There was a Wired article about 7 years ago which discussed this contrast from
another angle. In that article, like the original link under discussion here,
the Scarcity mindset is caricatured as mean and rigid. The Abundance mindset
is healthy and open to alternatives. It's not at all about "manifesting"
abundance out of nowhere, as per The Secret. I think Stephen Covey might be a
major source for the Wired version of the polarity.

From the Wired article "When scarce resources become abundant, smart people
treat them differently, exploiting them rather than conserving them. It feels
wrong, but done right it can change the world.

The problem is that abundant resources, like computing power, are too often
treated as scarce."

Hard to disagree with that.

[http://www.wired.com/2009/06/mf-freer/](http://www.wired.com/2009/06/mf-
freer/)

------
allisthemoist
_Called Paths to Power, it emphasizes the importance of neutrality: The world
is not fair or unfair. It simply is. The more you can suspend judgment, the
more you can learn and grow your power._

Not to be cynical about this approach, but having studied some of these
concepts from a Mahayana Buddhist perspective, the idea of utilizing the
perspective of Beginner's Mind to "grow your power" is a gross
misappropriation and misunderstanding of the entire framework. In fact, within
the traditions that originally conceived of these approaches, attachment to
power, fame, and/or wealth is seen as the root cause of suffering and mental
disenfranchisement and the very conceptualization that is to be let go [0].
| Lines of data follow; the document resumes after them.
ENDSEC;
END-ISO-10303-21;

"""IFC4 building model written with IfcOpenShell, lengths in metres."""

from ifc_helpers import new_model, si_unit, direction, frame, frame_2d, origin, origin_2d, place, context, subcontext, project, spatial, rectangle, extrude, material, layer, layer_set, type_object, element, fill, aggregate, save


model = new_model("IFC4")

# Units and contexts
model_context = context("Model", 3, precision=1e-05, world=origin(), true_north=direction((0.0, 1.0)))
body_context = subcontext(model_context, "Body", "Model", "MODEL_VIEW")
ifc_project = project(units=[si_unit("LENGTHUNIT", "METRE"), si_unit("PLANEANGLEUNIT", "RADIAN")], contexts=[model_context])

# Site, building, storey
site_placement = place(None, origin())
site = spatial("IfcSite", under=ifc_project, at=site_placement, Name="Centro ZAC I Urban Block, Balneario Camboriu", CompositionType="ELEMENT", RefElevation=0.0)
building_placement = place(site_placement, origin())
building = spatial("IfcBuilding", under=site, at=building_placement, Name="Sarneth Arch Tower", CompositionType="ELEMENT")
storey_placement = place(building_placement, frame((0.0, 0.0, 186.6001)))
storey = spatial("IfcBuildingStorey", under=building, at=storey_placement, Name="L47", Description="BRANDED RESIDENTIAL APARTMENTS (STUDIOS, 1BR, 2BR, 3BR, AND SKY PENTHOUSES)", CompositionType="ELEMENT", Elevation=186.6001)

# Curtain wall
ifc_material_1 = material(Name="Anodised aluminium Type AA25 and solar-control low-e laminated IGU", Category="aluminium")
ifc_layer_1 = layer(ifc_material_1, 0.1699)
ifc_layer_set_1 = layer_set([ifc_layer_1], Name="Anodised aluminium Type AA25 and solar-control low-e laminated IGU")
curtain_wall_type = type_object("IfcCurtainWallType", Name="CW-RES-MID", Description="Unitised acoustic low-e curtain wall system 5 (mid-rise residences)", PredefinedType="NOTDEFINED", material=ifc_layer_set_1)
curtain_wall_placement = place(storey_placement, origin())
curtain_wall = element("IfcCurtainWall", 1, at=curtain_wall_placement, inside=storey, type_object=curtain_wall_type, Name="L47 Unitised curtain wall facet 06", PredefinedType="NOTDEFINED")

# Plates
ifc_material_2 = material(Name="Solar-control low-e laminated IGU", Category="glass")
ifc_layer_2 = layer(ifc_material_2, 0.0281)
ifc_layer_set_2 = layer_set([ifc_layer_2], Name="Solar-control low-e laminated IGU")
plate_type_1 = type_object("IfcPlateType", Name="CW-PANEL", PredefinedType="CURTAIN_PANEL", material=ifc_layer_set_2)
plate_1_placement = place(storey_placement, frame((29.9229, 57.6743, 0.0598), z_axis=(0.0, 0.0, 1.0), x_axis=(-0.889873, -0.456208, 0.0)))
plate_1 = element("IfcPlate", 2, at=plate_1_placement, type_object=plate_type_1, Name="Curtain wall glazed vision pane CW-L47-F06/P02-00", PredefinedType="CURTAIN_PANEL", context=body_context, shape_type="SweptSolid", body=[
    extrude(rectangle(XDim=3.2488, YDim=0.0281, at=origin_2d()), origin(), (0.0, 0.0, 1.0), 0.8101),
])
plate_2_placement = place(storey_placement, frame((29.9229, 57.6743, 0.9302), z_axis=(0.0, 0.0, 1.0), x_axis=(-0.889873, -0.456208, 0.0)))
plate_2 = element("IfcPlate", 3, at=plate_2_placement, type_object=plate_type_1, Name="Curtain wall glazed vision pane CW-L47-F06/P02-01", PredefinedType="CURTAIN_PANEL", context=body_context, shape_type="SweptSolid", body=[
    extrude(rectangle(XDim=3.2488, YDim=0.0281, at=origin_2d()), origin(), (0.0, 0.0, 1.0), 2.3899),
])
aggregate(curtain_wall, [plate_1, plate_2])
Perhaps I need to look into this course a bit more to understand their
approach but it seems that this is right in line with what many Buddhist
scholars have worried - i.e., that these ancient traditions will be
misunderstood and reformed in a way that may have wholly unhealthy effects on
those who practice it.

[0]
[https://en.wikipedia.org/wiki/Four_Noble_Truths#Second_truth...](https://en.wikipedia.org/wiki/Four_Noble_Truths#Second_truth:_arising_or_origin_of_dukkha)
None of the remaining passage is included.